Опыт неохватный, чрезмерный, неизгладимый — поэзия не захлестывает со всех сторон, а, напротив, углубляет, и всегда наперед, пробудившие ее обделенность и муку. И не ради ее триумфа, а ради их общего провала и плодоносного, следом за ним, разрыва делает поэт решительный шаг навстречу ее полной потере. Не в его власти присвоить это падение себе, он не вправе им ни завладеть, ни воспользоваться. Это просто дорожное происшествие, но с каждым разом оно обходится тяжелее. Поэт мелок, нищ, абсурден, как любой из людей. И все же его ярость, его слабость, его путаность могут преобразиться в работу стиха и этим коренным, не возвышающим, а сокрушительным переворотом восстановить хрупкое согласие, которое делает человека в его разорванности открытым, а мир для него — обитаемым.

* * *

Останавливаться, чтобы осмотреться, запрещено. Как будто приговорен видеть, только шагая. Только говоря. Видеть то, о чем говоришь, и говорить как раз потому, что не видишь. Давая видеть то, что́ не видишь, что́ запрещено видеть. И что́, по ходу, затрагивает и открывает речь. Слепота принуждает все поменять местами и оставлять след, ставить слово, раньше, чем останавливать взгляд. Шагать сквозь ночь, говорить сквозь гул, чтобы, откликнувшись шагу, проклюнулся первый луч дня и обозначил ветку, обрисовал плод.

* * *

Тебе не ускользнуть, говорит книга. Ты открываешь-закрываешь меня и думаешь, будто бы ты снаружи, но тебе не выйти, поскольку нет никакого внутри. Ускользнуть не в твоей воле, ведь западня открыта. Она — сама открытость. И неважно — одна, другая, третья. Или вот эта, невидимая, у тебя в изголовье, которая не дает бежать, действуя еще коварней.

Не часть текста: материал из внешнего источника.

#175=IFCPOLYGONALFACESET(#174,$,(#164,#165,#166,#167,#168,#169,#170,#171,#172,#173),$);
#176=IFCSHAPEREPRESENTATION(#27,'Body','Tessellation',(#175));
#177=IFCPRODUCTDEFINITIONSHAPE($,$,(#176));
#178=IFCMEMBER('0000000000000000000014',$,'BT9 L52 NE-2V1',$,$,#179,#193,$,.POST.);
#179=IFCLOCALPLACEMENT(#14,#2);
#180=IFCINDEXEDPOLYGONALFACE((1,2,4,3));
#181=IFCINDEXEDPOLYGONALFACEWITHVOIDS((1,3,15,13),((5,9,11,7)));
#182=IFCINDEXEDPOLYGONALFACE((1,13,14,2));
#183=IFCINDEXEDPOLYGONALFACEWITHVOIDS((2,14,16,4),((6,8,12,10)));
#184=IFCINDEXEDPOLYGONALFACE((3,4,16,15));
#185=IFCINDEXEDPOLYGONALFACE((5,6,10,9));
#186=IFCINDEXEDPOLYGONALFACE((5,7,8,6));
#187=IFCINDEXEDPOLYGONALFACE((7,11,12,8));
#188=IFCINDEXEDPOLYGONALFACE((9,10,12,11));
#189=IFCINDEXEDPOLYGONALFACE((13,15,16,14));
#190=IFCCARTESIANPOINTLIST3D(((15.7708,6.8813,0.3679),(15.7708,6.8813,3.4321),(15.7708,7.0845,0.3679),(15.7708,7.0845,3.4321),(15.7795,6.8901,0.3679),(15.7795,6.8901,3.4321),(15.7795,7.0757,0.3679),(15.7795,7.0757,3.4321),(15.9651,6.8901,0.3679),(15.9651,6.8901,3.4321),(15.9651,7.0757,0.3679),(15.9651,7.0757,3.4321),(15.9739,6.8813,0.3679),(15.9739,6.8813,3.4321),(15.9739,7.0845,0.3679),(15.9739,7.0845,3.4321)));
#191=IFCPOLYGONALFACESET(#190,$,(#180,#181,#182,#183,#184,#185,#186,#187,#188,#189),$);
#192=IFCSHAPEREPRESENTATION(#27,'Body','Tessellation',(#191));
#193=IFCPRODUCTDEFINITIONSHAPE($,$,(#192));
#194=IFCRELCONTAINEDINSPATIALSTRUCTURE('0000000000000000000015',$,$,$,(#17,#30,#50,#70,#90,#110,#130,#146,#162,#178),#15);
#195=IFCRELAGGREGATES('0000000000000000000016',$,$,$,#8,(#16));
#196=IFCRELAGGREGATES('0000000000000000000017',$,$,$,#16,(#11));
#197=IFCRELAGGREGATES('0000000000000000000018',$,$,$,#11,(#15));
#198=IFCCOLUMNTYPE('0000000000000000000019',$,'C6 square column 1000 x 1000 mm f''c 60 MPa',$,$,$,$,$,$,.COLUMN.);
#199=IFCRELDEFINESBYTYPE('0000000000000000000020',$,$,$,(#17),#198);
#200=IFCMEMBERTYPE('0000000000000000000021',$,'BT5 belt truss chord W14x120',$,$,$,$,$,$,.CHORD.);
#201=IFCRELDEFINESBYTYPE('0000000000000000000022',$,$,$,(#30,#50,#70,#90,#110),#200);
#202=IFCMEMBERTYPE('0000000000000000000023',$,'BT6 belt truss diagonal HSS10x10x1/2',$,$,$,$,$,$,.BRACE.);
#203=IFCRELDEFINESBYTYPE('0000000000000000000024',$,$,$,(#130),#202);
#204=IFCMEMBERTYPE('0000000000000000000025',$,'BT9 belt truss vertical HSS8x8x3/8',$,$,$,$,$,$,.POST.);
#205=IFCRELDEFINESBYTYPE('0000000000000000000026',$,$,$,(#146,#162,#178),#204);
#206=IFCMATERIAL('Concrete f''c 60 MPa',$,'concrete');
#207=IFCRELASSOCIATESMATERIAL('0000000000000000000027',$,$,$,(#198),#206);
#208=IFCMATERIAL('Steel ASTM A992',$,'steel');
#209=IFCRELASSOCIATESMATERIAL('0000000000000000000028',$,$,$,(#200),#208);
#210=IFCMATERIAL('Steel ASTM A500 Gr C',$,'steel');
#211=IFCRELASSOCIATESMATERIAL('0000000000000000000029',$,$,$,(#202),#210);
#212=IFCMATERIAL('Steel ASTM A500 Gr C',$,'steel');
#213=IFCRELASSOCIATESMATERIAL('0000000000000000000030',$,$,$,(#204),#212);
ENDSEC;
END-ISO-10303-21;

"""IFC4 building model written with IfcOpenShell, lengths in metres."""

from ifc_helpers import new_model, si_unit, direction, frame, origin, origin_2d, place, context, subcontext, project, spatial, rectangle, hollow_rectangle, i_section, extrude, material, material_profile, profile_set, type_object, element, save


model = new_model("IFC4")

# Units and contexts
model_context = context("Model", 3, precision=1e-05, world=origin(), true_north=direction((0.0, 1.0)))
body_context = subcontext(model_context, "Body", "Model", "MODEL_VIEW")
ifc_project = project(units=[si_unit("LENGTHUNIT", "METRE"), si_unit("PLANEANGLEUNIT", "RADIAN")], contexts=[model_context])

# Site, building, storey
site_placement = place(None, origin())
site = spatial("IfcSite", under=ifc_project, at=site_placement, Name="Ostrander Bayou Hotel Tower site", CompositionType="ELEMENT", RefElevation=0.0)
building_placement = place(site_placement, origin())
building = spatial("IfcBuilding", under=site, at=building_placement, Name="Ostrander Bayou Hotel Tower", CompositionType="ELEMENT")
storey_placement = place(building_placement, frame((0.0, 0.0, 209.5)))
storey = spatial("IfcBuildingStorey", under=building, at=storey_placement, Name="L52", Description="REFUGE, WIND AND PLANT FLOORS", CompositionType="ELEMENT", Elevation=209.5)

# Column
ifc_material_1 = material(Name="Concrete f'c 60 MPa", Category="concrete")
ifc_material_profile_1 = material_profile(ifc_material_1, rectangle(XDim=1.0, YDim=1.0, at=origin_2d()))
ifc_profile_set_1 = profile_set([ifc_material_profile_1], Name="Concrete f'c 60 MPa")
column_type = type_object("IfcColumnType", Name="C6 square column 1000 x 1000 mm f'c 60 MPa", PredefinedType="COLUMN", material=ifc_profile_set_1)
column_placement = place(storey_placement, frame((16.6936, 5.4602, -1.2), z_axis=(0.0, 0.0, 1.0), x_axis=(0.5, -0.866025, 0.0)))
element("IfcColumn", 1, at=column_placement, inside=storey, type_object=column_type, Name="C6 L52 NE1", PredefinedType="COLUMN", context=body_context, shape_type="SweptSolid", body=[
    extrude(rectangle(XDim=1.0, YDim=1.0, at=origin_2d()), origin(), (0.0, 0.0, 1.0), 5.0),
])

Поглощенный чтением, пробитый белой молнией, ударяющей из облака букв, чтобы окончательно утвердить отсутствие реальности, ты приговорен скитаться между строк и, как в лабиринте, вдыхать свой собственный запах. Только буря, дойдя до края, откроет скалу, которой жаждет твой голод и страх, ее дробящую простоту рифа, замеченного слишком поздно. А пока здесь, готовое к кровопролитью, живо лишь то, что сбивает с пути и приковывает к месту, — этот холодный, безразличный, четвертующий, но никогда не доводящий до смерти разрыв, даже если ты порой даешь мне увидеть в нем, как обрушивается свет и поднимается ветер.

* * *

Беспрестанное, от первого до последнего, перетаскивание этих слов через буквы в попытке хоть на секунду увидеть воочию на гребне строки то, от чего уже ни следа. Видя, что слова движутся все лучше и до чего хрупка между ними связь, убеждаешь себя, будто сможешь довести дело до конца. Убеждаешь, будто в итоге нечто, созданное и порушенное разом, глянет в лицо смерти не твоими глазами. И покажет всю случайность, непреднамеренность, пустяковость твоего исчезновения. Так веселый луч расплескивается по стене, тут же теряющей тень и смысл.

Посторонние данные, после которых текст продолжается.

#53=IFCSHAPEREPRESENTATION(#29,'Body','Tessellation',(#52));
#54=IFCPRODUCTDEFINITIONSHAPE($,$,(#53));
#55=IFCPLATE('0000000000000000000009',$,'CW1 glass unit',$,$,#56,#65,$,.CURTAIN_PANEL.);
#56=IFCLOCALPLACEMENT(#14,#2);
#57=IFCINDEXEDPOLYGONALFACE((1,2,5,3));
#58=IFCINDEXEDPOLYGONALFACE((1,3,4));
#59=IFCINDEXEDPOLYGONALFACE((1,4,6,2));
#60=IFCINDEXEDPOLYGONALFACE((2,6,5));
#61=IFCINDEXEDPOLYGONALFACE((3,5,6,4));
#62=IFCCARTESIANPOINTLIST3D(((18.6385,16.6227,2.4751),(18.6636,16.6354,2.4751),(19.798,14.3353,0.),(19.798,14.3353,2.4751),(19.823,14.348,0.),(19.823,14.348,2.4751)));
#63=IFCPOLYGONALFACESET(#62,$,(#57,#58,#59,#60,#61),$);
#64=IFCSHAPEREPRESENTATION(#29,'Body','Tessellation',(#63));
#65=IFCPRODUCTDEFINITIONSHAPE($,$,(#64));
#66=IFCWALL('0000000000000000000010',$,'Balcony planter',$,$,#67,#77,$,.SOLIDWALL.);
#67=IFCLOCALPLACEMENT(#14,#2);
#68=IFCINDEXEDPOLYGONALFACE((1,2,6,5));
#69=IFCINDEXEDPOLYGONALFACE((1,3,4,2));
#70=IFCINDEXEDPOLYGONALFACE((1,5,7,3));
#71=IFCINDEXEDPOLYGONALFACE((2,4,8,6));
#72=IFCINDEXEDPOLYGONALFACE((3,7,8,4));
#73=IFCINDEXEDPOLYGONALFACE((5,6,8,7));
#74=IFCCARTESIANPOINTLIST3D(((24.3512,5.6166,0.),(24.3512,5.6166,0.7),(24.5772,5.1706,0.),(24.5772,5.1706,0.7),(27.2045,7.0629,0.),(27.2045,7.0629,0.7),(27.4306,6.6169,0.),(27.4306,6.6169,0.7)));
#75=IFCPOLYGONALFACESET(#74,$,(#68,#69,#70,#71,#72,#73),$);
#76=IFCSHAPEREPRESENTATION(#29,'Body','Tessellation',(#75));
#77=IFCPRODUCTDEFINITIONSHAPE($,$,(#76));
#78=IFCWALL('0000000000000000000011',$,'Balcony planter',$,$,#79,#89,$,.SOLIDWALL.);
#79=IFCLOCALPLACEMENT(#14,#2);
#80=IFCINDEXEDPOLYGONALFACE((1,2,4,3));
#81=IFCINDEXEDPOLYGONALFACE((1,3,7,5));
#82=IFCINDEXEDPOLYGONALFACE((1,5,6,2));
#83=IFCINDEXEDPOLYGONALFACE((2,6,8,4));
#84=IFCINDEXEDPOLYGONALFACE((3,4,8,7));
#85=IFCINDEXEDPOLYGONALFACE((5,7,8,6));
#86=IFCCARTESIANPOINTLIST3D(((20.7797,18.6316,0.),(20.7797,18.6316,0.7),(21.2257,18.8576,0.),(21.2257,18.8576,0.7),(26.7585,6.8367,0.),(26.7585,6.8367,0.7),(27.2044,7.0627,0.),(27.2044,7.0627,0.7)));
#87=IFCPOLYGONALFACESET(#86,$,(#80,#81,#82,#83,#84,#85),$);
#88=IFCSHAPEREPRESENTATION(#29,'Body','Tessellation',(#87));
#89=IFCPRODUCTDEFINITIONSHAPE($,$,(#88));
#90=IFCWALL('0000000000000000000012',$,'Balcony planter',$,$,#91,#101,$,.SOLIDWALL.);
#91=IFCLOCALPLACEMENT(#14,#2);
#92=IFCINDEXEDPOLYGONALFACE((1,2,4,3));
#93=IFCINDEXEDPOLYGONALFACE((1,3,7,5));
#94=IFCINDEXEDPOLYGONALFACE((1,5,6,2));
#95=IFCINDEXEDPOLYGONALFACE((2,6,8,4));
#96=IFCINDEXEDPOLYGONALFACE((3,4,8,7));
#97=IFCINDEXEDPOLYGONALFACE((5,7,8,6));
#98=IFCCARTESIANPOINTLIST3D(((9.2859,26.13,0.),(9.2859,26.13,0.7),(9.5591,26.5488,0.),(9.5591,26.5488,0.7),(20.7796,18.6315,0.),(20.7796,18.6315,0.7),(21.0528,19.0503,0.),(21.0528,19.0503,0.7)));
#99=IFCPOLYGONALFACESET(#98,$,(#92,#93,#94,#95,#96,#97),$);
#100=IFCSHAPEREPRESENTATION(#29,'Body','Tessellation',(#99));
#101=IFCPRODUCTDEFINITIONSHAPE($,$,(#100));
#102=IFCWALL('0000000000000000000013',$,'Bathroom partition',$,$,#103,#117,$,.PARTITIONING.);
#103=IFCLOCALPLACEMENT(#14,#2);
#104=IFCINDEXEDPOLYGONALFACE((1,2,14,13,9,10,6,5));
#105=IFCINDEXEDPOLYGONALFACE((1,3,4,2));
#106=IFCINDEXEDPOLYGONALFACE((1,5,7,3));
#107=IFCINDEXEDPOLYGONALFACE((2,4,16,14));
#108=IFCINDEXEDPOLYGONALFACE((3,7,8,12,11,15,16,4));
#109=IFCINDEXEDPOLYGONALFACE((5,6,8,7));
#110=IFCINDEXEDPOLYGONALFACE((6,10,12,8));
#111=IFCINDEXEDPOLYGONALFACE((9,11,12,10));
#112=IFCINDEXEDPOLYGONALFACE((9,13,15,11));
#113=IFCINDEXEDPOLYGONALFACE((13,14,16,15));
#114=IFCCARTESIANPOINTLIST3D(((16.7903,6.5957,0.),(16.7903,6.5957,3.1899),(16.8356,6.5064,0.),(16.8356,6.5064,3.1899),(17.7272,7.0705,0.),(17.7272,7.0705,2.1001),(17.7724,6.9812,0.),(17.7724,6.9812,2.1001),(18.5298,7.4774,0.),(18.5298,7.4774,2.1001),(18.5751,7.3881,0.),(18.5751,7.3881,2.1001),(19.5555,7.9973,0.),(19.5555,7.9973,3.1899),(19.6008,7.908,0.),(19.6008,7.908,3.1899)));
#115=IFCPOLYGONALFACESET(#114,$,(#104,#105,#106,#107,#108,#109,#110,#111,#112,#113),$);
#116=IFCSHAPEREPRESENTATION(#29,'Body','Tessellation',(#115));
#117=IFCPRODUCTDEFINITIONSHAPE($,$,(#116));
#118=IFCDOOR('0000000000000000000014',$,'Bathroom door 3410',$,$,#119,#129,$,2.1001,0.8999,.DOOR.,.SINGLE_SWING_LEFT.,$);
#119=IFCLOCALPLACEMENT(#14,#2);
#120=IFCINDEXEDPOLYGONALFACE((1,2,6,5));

Убираешь из этой невидимой, невероятной постройки все, что не ладит с ее природой, ее замыслом. Неспособный набросать ее чертеж и прикинуть высоту, размечаешь участок и ждешь, что написанное само подскажет план и ориентир, взвешиваешь, ощупываешь ближайшие камни, отбираешь одни и отбрасываешь другие с темным инстинктом опытного зверя, отталкивающего негодную пищу. И размечаешь свою малую делянку, пробуешь, суха ли ее подпочва.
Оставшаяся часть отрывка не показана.